Last week we saw a number of 3C divergences that did not turn the market, however they seemed to cumulatively build nonetheless. The reason they didn't turn the market is because the correlation between the markets and the dollar are what is and has been moving the markets for some time. My interpretation is that these negative divergences did most probably show distribution into a rising market, rising because of the bounce in the Euro. Here's the FX chart.

To the left you can see where the Euro gapped up on the news of the Ireland deal, it ran for a bit and then gave up all of it's gains. The second arrow shows the Euro bouncing within the downtrend at 1 p.m. today and you can see where it closed.

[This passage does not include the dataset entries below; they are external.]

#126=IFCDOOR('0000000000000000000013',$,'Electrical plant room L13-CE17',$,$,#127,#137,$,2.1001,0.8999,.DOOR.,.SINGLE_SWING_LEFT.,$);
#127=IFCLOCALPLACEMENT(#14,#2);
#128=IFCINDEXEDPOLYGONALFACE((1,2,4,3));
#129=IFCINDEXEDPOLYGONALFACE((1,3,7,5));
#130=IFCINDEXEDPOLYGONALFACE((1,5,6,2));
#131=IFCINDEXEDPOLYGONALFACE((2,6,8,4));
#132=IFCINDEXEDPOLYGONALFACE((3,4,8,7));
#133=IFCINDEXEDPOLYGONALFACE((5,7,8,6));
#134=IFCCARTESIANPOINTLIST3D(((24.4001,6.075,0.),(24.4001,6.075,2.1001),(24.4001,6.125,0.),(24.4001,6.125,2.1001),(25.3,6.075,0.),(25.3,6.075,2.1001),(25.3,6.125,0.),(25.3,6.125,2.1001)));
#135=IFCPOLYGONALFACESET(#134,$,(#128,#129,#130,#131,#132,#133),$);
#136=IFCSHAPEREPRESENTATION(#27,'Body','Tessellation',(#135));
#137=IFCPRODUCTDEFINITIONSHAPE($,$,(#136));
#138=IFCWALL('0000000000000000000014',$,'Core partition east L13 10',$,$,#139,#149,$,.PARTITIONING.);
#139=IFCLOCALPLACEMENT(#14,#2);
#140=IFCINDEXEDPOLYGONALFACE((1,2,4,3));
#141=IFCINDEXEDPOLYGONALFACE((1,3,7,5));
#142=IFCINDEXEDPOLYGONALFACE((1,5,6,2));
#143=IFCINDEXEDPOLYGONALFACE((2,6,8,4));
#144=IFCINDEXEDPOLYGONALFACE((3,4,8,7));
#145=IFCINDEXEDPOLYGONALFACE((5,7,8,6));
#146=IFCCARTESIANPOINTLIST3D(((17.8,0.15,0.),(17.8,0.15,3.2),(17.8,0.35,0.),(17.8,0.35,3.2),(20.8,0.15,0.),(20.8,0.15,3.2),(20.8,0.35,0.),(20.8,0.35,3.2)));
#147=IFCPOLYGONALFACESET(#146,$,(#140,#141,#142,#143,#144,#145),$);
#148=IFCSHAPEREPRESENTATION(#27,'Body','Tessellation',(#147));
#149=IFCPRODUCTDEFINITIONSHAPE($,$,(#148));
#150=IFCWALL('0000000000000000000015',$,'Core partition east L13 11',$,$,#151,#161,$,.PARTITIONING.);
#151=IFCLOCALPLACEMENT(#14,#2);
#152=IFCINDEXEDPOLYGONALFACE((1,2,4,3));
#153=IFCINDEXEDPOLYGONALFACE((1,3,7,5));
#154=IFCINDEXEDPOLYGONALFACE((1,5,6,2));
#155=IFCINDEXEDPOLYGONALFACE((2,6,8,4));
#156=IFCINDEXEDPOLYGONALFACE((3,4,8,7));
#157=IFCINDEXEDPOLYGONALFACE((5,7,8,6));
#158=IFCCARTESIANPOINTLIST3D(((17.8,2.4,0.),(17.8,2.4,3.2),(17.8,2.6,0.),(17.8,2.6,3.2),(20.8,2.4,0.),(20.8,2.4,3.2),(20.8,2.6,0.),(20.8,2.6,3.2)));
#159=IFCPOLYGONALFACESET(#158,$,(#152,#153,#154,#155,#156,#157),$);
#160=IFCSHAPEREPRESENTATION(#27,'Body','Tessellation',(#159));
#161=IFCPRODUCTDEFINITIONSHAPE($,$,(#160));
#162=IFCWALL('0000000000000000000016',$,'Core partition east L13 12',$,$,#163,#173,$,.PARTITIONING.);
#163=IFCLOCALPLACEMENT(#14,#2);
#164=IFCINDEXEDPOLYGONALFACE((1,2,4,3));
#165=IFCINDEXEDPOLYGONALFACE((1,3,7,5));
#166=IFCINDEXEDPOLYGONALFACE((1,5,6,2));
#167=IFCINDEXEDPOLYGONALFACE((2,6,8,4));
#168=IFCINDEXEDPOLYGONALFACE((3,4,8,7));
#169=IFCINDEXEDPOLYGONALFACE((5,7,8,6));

 Looking at the charts of any of the major averages, they also bounced at the exact same time and closed similarly.

The negative divergences seen suggest to me that this bounce opportunity was being used to distribute positions into higher prices as the market's move now with the FX market. We saw this last week as well, although each divergence that didn't turn the market seemed to cumulate in longer charts.

There has been suggestions that the NY Fed didn't want a red close, if that is the case, then I'd think any manipulation was done through the FX markets and not the equities market, but more likely in my opinion is the FX markets saw a simple, regular bounce and the US market's being so highly correlated to them, simply followed.

If the FX markets were down during the same period, from 1 p.m. through the close, then I would be more inclined to believe that the NY Fed was manipulating the markets as they had done before QE2 POMO started.

As of now, I believe the steady and fast flowing fundamental news from across the world that is coming in at breakneck speed will have the most influence over the FX and equities market.

Update

It loks like the Euro bounce ( a normal bounce within a downtrend) may be reversing now. The 1 min charts of SPY, DIA and QQQQ have all deteriorated since the last update. The 5 min DIA is showing a negative divergence that is approaching a possible leading negative divergence so it's not looking god there. The SPY 5 min is still a little ahead of confirmation, I'd expect we may see that continue as the index is heavily loaded with financials and the last XLF update was looking short term bullish. The 5 min QQQQ is better then in line ( a little more bullish, but it is starting to chatter sideways).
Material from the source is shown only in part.